Friday, August 17, 2012

Smart Phone Owners Spend $38 Billion a year on International Calls?

Extraplating from the results of a survey conducted by Harris Interactive on its behalf, Rebtel estimates that U.S. mobile users could be spending $38 billion a year on international calls on their smart phones, annually.

Rebtel estimates that 21 percent of U.S. adult smart phone owners make international calls and spend an average of $156 every month doing so, Rebtel says.

If, according to the 2010 U.S. Census, there are 234.6 million adults age 18 or older in the United States, with 41 percent of the population owning a smart phone, and 21 percent of these people making international calls on their smartphones, then roughly 20 million Americans are spending nearly $38 billion a year on international calls on their smart phones annually.

Some might find that estimate fanciful. Visiongain calculates that in 2012 the global mobile VoIP market will see revenues of $2.5 billion.

Also, if U.S. mobile voice overall is about $120 billion, the Rebtel estimate would have international long distance comprising about 32 percent of all U.S. mobile voice revenues overall, a figure that seems unlikely.

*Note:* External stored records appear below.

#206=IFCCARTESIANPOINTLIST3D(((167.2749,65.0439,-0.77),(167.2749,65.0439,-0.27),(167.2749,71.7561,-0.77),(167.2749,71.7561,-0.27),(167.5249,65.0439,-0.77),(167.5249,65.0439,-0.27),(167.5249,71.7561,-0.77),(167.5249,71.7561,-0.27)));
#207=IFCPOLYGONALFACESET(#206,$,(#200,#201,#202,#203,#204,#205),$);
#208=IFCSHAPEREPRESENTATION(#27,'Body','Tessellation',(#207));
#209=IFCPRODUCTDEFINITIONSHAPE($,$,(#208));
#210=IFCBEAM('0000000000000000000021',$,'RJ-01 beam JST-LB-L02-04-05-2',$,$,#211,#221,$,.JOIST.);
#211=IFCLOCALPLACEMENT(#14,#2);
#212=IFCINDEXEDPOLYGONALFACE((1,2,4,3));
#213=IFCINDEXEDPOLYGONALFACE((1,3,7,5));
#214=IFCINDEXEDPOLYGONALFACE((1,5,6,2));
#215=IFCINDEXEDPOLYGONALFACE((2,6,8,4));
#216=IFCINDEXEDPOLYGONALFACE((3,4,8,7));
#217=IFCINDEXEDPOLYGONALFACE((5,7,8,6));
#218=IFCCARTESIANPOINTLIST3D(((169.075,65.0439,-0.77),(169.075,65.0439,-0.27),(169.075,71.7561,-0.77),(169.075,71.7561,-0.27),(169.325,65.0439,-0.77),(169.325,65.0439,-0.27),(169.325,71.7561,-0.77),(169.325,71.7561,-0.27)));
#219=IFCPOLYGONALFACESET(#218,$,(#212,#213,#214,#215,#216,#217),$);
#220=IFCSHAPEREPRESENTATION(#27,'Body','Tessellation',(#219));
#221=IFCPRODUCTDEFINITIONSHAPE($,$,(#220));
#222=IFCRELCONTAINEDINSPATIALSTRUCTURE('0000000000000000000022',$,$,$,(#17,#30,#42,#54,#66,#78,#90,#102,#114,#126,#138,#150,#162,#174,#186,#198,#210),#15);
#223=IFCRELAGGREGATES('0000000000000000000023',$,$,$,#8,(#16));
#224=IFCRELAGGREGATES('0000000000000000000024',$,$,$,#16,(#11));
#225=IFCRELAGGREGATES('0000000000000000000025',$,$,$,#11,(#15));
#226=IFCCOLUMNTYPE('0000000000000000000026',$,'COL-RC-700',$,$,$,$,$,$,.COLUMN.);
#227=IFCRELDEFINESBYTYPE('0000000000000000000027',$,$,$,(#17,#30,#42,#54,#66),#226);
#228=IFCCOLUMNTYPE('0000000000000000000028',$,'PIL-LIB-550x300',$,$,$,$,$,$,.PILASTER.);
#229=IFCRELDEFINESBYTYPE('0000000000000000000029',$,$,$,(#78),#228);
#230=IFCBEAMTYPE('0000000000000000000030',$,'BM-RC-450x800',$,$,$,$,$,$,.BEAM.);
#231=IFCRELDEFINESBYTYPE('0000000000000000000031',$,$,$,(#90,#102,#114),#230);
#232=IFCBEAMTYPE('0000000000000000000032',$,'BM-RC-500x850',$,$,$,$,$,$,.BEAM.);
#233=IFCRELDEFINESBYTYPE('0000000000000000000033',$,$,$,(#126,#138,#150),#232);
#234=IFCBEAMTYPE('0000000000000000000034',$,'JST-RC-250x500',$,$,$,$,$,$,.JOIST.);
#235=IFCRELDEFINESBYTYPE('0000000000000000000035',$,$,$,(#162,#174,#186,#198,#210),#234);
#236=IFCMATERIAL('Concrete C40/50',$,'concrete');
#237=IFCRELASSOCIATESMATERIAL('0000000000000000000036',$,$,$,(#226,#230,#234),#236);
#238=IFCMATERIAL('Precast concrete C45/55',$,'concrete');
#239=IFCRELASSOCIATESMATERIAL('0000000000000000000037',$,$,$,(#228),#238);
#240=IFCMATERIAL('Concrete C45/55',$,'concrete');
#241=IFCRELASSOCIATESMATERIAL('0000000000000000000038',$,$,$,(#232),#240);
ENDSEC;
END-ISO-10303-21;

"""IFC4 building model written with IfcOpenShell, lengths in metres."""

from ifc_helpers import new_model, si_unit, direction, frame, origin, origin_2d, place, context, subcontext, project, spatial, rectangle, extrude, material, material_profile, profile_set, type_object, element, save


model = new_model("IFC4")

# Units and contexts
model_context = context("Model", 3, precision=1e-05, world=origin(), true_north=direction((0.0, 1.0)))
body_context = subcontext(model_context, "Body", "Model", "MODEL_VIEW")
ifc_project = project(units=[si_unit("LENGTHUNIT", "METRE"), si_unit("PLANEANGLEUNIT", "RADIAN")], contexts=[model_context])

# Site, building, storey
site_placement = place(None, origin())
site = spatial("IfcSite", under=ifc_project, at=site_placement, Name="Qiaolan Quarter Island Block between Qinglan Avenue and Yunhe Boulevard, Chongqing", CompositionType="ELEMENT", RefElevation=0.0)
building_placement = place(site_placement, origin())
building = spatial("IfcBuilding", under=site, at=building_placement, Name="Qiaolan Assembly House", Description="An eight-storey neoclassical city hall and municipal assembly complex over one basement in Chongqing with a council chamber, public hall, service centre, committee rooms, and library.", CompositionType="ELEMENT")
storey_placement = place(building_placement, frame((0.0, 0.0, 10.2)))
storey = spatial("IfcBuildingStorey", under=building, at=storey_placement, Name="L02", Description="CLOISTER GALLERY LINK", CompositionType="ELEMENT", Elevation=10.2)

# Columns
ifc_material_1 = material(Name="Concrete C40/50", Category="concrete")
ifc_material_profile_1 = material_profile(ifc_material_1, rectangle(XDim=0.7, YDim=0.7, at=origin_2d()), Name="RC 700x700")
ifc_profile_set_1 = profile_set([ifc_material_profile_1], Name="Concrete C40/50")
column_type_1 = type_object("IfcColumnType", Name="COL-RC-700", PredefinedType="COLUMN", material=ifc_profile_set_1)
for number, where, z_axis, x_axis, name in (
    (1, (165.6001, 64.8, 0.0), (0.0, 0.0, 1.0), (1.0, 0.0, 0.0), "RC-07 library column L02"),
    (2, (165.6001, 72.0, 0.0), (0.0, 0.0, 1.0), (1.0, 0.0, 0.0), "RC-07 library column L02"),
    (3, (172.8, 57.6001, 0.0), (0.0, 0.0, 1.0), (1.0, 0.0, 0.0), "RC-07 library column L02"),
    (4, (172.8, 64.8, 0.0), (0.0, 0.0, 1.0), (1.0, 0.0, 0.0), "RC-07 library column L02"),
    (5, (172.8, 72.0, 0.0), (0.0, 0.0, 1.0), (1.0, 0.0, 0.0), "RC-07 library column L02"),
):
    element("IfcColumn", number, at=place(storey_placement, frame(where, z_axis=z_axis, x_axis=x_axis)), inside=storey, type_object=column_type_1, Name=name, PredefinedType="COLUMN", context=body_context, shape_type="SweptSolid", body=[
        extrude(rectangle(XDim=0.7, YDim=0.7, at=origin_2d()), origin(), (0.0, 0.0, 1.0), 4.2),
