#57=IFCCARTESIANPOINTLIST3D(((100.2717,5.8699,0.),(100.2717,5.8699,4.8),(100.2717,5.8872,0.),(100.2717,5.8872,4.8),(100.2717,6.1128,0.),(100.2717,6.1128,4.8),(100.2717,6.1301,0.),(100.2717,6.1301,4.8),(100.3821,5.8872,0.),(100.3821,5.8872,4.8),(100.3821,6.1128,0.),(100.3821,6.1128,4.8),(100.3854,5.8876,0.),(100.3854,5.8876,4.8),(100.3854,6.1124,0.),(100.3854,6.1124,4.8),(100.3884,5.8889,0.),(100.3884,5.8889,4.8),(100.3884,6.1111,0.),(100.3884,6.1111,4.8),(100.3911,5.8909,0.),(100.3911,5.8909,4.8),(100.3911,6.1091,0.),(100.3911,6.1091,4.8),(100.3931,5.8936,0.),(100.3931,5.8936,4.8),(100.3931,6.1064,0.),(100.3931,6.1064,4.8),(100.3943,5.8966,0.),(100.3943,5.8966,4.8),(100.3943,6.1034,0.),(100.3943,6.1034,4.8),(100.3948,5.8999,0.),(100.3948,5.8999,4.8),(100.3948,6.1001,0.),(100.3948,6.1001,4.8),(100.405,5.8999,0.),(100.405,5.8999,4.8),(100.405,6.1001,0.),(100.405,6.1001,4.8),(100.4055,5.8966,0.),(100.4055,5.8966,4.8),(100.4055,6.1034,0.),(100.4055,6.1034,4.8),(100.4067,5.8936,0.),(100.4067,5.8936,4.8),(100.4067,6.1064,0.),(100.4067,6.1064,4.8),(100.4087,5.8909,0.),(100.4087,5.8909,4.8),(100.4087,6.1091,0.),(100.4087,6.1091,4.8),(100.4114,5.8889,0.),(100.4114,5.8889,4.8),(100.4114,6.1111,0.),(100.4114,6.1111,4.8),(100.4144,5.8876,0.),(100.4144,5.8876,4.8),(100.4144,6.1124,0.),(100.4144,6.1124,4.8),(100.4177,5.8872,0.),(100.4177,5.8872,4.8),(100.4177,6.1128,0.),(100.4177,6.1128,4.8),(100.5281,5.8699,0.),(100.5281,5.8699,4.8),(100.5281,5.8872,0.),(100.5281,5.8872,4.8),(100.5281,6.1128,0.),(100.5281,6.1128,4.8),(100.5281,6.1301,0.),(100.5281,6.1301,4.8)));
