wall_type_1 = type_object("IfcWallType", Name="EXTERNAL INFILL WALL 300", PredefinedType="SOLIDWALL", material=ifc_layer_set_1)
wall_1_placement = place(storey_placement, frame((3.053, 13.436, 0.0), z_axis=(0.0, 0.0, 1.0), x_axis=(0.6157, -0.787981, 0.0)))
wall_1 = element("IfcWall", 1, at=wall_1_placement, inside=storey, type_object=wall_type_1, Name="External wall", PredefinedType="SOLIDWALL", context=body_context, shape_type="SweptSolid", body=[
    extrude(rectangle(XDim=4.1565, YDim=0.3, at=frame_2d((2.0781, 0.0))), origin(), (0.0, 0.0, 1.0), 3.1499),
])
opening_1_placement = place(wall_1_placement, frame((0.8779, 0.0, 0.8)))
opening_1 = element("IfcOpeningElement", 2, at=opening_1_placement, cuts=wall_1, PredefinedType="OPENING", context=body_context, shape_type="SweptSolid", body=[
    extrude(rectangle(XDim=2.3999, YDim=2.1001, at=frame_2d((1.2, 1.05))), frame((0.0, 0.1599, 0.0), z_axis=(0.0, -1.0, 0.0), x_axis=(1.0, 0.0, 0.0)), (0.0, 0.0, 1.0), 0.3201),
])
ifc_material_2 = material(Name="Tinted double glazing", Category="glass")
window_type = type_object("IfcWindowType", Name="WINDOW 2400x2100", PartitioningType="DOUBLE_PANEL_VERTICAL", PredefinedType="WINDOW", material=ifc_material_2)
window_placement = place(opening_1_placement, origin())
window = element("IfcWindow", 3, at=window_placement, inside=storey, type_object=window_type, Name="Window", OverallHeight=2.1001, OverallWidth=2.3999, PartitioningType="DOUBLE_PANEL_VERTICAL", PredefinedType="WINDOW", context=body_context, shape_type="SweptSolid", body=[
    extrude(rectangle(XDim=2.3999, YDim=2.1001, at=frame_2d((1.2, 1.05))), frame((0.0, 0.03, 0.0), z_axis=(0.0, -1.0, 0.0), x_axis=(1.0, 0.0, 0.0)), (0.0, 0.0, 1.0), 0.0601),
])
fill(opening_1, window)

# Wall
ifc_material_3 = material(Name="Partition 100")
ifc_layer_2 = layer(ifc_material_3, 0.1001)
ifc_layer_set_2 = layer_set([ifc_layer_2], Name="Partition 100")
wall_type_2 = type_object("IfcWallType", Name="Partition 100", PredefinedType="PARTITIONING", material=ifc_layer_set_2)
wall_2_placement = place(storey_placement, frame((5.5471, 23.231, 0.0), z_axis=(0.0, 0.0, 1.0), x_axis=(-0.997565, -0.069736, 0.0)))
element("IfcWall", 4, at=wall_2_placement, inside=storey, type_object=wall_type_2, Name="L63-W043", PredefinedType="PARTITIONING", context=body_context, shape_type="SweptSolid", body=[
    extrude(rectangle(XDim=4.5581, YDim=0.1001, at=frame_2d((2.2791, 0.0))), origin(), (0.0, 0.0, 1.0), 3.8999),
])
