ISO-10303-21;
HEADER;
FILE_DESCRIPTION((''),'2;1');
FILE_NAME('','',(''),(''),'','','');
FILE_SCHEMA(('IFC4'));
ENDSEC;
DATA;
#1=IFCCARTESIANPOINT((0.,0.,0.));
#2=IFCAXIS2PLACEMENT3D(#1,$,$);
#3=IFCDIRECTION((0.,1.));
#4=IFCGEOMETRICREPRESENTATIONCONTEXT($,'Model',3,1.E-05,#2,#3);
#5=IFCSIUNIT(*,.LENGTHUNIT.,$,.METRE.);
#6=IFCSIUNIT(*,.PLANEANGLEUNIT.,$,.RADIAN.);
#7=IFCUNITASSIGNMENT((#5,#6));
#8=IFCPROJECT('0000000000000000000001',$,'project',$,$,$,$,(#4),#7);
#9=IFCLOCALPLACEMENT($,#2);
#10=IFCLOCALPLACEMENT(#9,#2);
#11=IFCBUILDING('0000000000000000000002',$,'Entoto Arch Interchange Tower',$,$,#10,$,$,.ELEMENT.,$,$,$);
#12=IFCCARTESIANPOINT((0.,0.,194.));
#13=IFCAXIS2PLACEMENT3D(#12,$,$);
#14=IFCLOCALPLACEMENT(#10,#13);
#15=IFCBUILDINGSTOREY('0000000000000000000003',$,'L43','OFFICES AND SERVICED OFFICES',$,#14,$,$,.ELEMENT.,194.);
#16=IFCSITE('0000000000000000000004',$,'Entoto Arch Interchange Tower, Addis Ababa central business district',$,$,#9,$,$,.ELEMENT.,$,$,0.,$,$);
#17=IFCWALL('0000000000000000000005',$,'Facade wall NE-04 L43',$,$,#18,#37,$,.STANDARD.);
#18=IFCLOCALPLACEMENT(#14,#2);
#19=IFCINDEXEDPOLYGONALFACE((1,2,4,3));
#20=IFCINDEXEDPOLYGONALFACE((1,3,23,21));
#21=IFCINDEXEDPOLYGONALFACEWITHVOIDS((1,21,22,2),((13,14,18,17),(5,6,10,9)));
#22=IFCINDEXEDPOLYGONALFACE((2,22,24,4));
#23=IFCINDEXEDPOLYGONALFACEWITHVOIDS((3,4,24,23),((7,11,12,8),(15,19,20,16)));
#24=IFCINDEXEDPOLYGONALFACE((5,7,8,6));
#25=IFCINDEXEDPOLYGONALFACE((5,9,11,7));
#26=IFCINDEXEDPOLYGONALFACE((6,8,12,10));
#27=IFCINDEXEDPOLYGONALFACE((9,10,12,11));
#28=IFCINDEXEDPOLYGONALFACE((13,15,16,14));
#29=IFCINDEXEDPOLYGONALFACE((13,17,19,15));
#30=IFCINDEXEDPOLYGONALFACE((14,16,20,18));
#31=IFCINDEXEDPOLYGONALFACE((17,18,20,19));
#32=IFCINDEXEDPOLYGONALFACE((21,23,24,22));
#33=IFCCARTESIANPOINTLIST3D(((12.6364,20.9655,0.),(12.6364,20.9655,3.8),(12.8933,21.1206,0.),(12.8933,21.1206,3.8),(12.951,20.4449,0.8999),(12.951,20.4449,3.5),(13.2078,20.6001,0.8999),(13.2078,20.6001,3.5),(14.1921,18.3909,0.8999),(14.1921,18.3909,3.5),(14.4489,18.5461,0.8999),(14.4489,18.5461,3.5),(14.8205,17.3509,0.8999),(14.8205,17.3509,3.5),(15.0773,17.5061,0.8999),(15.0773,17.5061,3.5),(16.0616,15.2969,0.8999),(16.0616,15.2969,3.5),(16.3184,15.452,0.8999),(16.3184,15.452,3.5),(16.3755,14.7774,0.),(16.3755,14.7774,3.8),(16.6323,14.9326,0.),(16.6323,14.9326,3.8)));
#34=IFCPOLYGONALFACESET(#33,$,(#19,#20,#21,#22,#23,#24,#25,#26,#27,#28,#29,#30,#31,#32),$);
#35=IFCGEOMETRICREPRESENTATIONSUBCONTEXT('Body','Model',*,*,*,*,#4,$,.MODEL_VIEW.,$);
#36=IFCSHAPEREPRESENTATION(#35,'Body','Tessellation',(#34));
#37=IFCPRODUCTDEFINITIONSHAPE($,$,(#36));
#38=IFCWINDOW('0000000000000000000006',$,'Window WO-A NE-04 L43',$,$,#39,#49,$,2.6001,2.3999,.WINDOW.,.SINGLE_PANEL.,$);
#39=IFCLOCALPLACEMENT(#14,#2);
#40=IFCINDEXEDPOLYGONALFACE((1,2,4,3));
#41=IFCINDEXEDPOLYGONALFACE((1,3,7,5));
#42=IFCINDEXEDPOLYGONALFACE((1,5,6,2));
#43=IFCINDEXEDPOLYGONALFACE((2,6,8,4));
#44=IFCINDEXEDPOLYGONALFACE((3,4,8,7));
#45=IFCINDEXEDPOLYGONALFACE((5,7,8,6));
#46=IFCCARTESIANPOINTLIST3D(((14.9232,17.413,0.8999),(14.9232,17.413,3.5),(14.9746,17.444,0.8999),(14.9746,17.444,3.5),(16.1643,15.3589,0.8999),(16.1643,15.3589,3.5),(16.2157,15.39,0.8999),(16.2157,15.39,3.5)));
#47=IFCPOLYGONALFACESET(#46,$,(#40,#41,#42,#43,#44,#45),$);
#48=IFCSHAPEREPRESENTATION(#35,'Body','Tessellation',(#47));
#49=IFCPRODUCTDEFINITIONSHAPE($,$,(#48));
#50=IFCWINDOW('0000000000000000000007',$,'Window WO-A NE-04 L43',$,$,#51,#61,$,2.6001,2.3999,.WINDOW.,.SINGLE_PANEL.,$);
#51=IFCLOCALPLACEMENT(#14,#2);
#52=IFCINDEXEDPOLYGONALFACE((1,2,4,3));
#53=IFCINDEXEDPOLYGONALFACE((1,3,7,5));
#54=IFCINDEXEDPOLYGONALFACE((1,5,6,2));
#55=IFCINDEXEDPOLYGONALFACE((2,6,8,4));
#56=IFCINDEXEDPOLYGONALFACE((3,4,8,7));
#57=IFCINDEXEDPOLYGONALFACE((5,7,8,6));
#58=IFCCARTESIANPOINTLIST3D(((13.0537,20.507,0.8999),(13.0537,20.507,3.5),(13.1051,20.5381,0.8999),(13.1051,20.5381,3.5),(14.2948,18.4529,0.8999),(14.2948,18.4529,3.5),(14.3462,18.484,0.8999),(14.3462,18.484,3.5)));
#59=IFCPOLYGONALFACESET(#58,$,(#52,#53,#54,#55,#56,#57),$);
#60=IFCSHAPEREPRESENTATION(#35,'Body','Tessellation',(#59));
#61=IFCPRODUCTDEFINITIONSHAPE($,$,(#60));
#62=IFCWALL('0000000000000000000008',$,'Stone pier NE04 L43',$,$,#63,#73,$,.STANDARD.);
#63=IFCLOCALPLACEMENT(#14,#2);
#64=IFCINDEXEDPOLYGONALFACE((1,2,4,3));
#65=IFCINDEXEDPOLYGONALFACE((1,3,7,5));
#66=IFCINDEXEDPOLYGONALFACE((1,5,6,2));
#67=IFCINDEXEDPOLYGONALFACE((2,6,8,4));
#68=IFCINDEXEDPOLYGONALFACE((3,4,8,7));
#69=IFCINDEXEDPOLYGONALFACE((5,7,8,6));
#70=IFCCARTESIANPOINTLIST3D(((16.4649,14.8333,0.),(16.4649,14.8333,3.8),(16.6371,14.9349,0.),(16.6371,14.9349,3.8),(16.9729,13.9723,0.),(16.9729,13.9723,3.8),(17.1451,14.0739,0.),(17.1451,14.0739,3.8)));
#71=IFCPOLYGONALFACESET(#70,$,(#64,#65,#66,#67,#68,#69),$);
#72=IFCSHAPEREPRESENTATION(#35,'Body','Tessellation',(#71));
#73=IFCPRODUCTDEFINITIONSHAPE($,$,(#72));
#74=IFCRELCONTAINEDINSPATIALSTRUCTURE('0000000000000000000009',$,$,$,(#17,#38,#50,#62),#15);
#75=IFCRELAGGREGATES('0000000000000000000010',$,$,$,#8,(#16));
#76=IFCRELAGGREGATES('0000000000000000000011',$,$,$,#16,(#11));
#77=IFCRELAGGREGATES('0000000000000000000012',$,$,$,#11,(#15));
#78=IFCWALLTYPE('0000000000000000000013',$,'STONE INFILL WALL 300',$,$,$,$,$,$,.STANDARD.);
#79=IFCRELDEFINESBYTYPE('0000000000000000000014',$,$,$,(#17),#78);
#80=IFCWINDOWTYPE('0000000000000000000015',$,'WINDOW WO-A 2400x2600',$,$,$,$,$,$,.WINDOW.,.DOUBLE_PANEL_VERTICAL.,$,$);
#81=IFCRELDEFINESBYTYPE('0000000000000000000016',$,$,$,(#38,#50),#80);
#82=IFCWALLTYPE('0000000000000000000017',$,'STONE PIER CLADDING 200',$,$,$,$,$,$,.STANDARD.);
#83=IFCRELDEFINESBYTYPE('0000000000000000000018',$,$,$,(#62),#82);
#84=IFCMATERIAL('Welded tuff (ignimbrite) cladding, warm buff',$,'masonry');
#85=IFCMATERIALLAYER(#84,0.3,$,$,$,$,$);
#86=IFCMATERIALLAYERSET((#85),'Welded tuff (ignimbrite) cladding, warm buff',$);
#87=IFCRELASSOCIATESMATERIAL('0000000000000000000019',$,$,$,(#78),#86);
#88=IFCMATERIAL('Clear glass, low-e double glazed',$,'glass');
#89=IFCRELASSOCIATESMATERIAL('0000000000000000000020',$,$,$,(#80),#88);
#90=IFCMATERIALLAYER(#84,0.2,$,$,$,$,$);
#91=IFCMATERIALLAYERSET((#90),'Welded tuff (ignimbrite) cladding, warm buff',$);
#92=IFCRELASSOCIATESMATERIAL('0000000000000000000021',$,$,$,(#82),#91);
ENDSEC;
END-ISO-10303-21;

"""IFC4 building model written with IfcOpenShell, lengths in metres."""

from ifc_helpers import new_model, si_unit, direction, frame, frame_2d, origin, place, context, subcontext, project, spatial, rectangle, extrude, material, layer, layer_set, type_object, element, fill, save


model = new_model("IFC4")

# Units and contexts
model_context = context("Model", 3, precision=1e-05, world=origin(), true_north=direction((0.0, 1.0)))
body_context = subcontext(model_context, "Body", "Model", "MODEL_VIEW")
ifc_project = project(units=[si_unit("LENGTHUNIT", "METRE"), si_unit("PLANEANGLEUNIT", "RADIAN")], contexts=[model_context])

# Site, building, storey
site_placement = place(None, origin())
site = spatial("IfcSite", under=ifc_project, at=site_placement, Name="Entoto Arch Interchange Tower, Addis Ababa central business district", CompositionType="ELEMENT", RefElevation=0.0)
building_placement = place(site_placement, origin())
building = spatial("IfcBuilding", under=site, at=building_placement, Name="Entoto Arch Interchange Tower", CompositionType="ELEMENT")
storey_placement = place(building_placement, frame((0.0, 0.0, 194.0)))
storey = spatial("IfcBuildingStorey", under=building, at=storey_placement, Name="L43", Description="OFFICES AND SERVICED OFFICES", CompositionType="ELEMENT", Elevation=194.0)

# Wall, openings, windows
ifc_material_1 = material(Name="Welded tuff (ignimbrite) cladding, warm buff", Category="masonry")
ifc_layer_1 = layer(ifc_material_1, 0.3)
ifc_layer_set_1 = layer_set([ifc_layer_1], Name="Welded tuff (ignimbrite) cladding, warm buff")
wall_type_1 = type_object("IfcWallType", Name="STONE INFILL WALL 300", PredefinedType="STANDARD", material=ifc_layer_set_1)
wall_1_placement = place(storey_placement, frame((16.5039, 14.855, 0.0), z_axis=(0.0, 0.0, 1.0), x_axis=(-0.51716, 0.855889, 0.0)))
wall_1 = element("IfcWall", 1, at=wall_1_placement, inside=storey, type_object=wall_type_1, Name="Facade wall NE-04 L43", PredefinedType="STANDARD", context=body_context, shape_type="SweptSolid", body=[
    extrude(rectangle(XDim=7.23, YDim=0.3, at=frame_2d((3.615, 0.0))), origin(), (0.0, 0.0, 1.0), 3.8),
])
opening_1_placement = place(wall_1_placement, frame((0.6069, 0.0, 0.8999)))
opening_1 = element("IfcOpeningElement", 2, at=opening_1_placement, cuts=wall_1, PredefinedType="OPENING", context=body_context, shape_type="SweptSolid", body=[
    extrude(rectangle(XDim=2.3999, YDim=2.6001, at=frame_2d((1.2, 1.3))), frame((0.0, 0.1602, 0.0), z_axis=(0.0, -1.0, 0.0), x_axis=(1.0, 0.0, 0.0)), (0.0, 0.0, 1.0), 0.3201),
])
opening_2_placement = place(wall_1_placement, frame((4.2219, 0.0, 0.8999)))
opening_2 = element("IfcOpeningElement", 3, at=opening_2_placement, cuts=wall_1, PredefinedType="OPENING", context=body_context, shape_type="SweptSolid", body=[
    extrude(rectangle(XDim=2.3999, YDim=2.6001, at=frame_2d((1.2, 1.3))), frame((0.0, 0.1602, 0.0), z_axis=(0.0, -1.0, 0.0), x_axis=(1.0, 0.0, 0.0)), (0.0, 0.0, 1.0), 0.3201),
])
ifc_material_2 = material(Name="Clear glass, low-e double glazed", Category="glass")
window_type = type_object("IfcWindowType", Name="WINDOW WO-A 2400x2600", PartitioningType="DOUBLE_PANEL_VERTICAL", PredefinedType="WINDOW", material=ifc_material_2)
window_1_placement = place(opening_1_placement, origin())
window_1 = element("IfcWindow", 4, at=window_1_placement, inside=storey, type_object=window_type, Name="Window WO-A NE-04 L43", OverallHeight=2.6001, OverallWidth=2.3999, PartitioningType="SINGLE_PANEL", PredefinedType="WINDOW", context=body_context, shape_type="SweptSolid", body=[
    extrude(rectangle(XDim=2.3999, YDim=2.6001, at=frame_2d((1.2, 1.3))), frame((0.0, 0.03, 0.0), z_axis=(0.0, -1.0, 0.0), x_axis=(1.0, 0.0, 0.0)), (0.0, 0.0, 1.0), 0.0601),
])
fill(opening_1, window_1)
window_2_placement = place(opening_2_placement, origin())
window_2 = element("IfcWindow", 5, at=window_2_placement, inside=storey, type_object=window_type, Name="Window WO-A NE-04 L43", OverallHeight=2.6001, OverallWidth=2.3999, PartitioningType="SINGLE_PANEL", PredefinedType="WINDOW", context=body_context, shape_type="SweptSolid", body=[
    extrude(rectangle(XDim=2.3999, YDim=2.6001, at=frame_2d((1.2, 1.3))), frame((0.0, 0.03, 0.0), z_axis=(0.0, -1.0, 0.0), x_axis=(1.0, 0.0, 0.0)), (0.0, 0.0, 1.0), 0.0601),
])
fill(opening_2, window_2)

# Wall
ifc_layer_2 = layer(ifc_material_1, 0.2)
ifc_layer_set_2 = layer_set([ifc_layer_2], Name="Welded tuff (ignimbrite) cladding, warm buff")
wall_type_2 = type_object("IfcWallType", Name="STONE PIER CLADDING 200", PredefinedType="STANDARD", material=ifc_layer_set_2)
wall_2_placement = place(storey_placement, frame((17.0591, 14.0229, 0.0), z_axis=(0.0, 0.0, 1.0), x_axis=(-0.508162, 0.861262, 0.0)))
element("IfcWall", 6, at=wall_2_placement, inside=storey, type_object=wall_type_2, Name="Stone pier NE04 L43", PredefinedType="STANDARD", context=body_context, shape_type="SweptSolid", body=[
    extrude(rectangle(XDim=0.9998, YDim=0.2, at=frame_2d((0.5, 0.0))), origin(), (0.0, 0.0, 1.0), 3.8),
])

save(model, "model.ifc")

According to the Federal Communications Commission, retained international revenues, revenues billed by U.S. carriers, less settlement amounts owed to foreign carriers for U.S.-billed traffic, plus settlement amounts due to U.S. carriers for foreign-billed traffic, amounted to $4 billion in 2009.

It is hard to reconcile total retained international calling revenues, on all networks, of $4 billiion, as reported by the FCC in 2011, with an estimate of U.S. smart phone calling of $38 billion.

Granted, it is harder these days to tally actual revenue, as more activity shifts to over the top IP mechanisms.

At some point, the estimates might be even harder to make, as mobile service providers switch from 3G networks for voice services, over to voice over LTE (voLTE), which will operate fundamentally in the same way as over the top mobile voice, the difference being the ownership of the services.

Still, the Rebtel estimate seems inflated. One has to assume that the sample was not representative of the typical base of smart phone users, or that respondents somehow misunderstood or inaccurately recalled their international long distance spending. 


Maybe I am misreading the FCC data. Or perhaps the FCC data isn't capturing mobile calling data. But the numbers do not add up.